Grundsätzlich wollte das Gremium sich einer Neuordnung der Schulkindbetreuung nicht widersetzen, weshalb es nur um Details ging: Tobias Streit ließ sich bestätigen, dass die Eltern die einzelnen Wochentage nach wie vor flexibel auswählen können. Und mit Blick auf die steigenden Gebühren mahnte er: „Da muss die Gemeinde nichts dran verdienen.“ Das Kopfnicken der anderen Mitglieder des Gremiums fasste Marco Ziegler in einen konkreten Vorschlag zusammen: „Ich denke, 100 Euro als Maximalkosten für die Bündelung aller drei Zeiträume müssten auch reichen“, sagte er und ergänzte, dass das Modell um eine halbjährliche Anmeldemöglichkeit ergänzt werden sollte.

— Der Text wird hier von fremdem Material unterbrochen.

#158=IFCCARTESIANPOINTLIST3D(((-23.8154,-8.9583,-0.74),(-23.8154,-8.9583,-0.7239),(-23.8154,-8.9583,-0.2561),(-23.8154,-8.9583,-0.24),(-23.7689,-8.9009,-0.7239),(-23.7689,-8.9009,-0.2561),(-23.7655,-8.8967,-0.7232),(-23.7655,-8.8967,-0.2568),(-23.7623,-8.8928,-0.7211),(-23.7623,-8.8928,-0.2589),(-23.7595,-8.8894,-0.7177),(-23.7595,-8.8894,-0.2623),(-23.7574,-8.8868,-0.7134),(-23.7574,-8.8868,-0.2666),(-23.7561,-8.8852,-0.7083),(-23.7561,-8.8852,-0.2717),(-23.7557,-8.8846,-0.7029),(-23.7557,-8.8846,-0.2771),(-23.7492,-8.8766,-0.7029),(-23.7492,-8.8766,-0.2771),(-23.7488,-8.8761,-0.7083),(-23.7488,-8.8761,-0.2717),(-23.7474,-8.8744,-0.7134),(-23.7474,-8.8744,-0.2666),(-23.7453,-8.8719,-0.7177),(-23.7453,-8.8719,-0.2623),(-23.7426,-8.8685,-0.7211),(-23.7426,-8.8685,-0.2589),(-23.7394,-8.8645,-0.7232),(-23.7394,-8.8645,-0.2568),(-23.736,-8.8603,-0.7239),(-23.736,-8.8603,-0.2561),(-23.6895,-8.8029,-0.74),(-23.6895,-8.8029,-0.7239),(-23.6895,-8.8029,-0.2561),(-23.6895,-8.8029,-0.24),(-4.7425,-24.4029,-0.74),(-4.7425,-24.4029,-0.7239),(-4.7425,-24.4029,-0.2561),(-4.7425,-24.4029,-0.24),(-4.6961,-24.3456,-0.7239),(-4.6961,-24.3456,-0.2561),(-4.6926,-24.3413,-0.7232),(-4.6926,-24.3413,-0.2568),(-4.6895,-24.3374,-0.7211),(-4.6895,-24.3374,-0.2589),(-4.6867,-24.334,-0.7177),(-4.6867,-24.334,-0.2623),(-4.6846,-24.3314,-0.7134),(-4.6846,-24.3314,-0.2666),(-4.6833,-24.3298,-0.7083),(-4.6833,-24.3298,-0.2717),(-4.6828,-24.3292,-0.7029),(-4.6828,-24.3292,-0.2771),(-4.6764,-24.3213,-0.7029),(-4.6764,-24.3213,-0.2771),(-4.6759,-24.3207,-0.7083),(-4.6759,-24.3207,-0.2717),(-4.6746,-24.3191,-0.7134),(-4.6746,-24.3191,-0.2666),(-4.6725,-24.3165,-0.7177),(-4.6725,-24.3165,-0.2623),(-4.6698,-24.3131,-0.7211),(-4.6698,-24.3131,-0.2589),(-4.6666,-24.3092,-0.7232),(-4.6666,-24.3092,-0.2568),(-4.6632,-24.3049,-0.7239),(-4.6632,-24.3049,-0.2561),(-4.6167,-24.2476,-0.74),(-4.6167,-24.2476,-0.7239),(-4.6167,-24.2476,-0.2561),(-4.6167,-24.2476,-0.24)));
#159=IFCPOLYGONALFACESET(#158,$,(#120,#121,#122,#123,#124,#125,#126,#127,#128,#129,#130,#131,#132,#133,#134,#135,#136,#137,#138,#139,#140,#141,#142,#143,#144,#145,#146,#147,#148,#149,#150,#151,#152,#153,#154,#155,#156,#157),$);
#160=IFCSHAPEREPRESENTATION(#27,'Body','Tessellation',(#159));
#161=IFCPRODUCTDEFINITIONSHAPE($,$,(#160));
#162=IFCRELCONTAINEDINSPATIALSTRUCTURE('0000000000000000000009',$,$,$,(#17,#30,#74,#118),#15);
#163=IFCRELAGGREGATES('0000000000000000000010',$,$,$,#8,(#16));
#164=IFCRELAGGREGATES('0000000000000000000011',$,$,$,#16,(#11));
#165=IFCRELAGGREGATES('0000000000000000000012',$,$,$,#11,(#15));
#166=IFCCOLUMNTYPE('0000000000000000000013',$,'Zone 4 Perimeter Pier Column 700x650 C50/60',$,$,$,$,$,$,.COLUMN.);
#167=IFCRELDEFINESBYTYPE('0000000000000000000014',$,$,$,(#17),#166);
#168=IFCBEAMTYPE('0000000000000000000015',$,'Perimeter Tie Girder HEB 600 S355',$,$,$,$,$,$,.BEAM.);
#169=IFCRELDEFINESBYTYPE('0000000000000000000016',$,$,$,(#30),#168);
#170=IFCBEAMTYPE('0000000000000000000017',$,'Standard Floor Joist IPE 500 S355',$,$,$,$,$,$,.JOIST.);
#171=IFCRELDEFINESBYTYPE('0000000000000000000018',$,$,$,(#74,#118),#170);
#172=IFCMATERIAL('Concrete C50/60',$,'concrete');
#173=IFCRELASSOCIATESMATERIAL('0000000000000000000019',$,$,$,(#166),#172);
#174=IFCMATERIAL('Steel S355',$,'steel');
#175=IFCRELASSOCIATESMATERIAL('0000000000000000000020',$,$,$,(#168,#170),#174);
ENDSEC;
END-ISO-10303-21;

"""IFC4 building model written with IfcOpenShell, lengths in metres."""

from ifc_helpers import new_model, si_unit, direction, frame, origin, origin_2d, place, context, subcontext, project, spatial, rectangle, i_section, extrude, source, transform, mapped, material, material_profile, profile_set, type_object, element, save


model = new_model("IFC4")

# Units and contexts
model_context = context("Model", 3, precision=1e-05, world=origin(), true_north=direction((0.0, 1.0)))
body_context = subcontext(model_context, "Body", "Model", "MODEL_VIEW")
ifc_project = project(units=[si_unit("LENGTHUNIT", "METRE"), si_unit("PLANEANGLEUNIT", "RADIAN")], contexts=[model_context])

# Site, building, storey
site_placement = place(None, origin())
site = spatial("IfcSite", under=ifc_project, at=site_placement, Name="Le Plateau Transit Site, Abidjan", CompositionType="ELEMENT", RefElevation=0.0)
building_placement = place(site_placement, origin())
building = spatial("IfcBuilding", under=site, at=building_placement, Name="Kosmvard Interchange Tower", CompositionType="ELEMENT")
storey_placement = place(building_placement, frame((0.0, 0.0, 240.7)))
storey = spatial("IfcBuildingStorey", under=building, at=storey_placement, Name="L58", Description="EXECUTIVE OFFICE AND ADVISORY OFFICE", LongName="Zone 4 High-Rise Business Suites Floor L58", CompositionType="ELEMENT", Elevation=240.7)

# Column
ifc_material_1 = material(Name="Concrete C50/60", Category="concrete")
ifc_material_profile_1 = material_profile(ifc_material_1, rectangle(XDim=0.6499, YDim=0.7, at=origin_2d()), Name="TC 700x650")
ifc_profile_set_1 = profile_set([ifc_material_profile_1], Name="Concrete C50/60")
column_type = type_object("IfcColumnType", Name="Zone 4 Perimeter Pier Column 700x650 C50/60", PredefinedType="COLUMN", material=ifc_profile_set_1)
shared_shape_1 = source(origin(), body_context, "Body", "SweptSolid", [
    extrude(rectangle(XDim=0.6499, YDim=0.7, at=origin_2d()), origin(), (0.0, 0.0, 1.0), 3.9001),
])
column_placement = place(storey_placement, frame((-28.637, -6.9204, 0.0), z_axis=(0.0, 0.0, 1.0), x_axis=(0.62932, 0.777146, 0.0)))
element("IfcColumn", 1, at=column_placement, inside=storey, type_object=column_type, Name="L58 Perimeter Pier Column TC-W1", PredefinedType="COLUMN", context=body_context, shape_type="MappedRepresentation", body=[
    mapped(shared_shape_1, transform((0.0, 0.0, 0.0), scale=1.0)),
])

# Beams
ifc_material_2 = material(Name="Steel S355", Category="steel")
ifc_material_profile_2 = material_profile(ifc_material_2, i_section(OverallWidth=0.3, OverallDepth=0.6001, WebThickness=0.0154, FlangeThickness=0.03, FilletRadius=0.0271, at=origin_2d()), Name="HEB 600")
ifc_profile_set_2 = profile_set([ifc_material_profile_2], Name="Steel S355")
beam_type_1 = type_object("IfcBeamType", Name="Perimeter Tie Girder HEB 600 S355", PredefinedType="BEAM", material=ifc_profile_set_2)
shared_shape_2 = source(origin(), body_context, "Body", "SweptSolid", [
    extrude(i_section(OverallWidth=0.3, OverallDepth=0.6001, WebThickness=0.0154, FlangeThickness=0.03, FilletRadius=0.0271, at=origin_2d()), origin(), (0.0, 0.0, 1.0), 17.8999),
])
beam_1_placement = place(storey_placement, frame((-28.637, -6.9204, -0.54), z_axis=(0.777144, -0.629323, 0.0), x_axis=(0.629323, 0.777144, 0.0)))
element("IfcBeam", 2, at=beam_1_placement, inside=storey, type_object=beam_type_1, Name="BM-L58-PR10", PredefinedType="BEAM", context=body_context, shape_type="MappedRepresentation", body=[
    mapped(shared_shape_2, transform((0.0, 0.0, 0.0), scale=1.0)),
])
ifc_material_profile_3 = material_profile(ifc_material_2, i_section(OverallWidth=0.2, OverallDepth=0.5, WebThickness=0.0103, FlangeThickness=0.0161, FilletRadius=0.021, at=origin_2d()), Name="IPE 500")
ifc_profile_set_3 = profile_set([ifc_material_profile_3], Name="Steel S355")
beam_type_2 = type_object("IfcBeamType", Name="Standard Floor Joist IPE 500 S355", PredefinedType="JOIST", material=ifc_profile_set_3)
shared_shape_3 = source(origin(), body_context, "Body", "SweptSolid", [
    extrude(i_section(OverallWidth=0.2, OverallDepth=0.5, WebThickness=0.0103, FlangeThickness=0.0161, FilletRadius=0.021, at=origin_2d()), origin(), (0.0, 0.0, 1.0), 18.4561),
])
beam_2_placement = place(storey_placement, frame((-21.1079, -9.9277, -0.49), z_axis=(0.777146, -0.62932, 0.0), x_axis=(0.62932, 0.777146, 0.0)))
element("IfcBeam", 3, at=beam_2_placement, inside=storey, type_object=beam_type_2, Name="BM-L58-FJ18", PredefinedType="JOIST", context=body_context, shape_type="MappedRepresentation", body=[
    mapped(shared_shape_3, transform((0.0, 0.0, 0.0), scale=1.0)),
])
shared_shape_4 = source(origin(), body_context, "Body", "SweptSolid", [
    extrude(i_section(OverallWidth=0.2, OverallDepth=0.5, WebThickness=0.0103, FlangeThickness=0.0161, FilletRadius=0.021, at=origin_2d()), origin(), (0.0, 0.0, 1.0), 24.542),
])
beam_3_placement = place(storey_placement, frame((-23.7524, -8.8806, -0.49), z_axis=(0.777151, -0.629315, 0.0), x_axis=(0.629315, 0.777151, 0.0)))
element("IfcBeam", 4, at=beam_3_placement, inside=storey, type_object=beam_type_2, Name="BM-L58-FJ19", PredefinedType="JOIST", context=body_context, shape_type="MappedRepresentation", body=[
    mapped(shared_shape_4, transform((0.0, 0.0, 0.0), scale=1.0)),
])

Bürgermeister Danny Kuhl nahm diese Anregungen für den Beschluss auf, der bei einer Enthaltung gefasst wurde, nun veröffentlicht und ab 1. Januar 2022 umgesetzt werden soll. Dass für die Kinder aus Horn, wohin der Mittagsbus um 13 Uhr fährt, eine Lösung gefunden wird, forderte Friedrich Reupke. Der Schultes sagte zu, man werde mit den Eltern individuell reden.

Weil die Wirksamkeit nicht einhellig bestätigt wird und gute, sprich wirksame und zugleich leise Geräte, rund 10 000 Euro kosten, schlug der Bürgermeister vor, das Thema Luftfilter in der Schule zunächst ad acta zu legen. Mindestens sieben Geräte würden benötigt, was eine Investition von 70 000 Euro bedeute. Das Gremium stimmte zu. „Unser wichtigstes Ziel muss sein, dass die Schule offen bleibt“, forderten Marco Ziegler und Tobias Streit aber.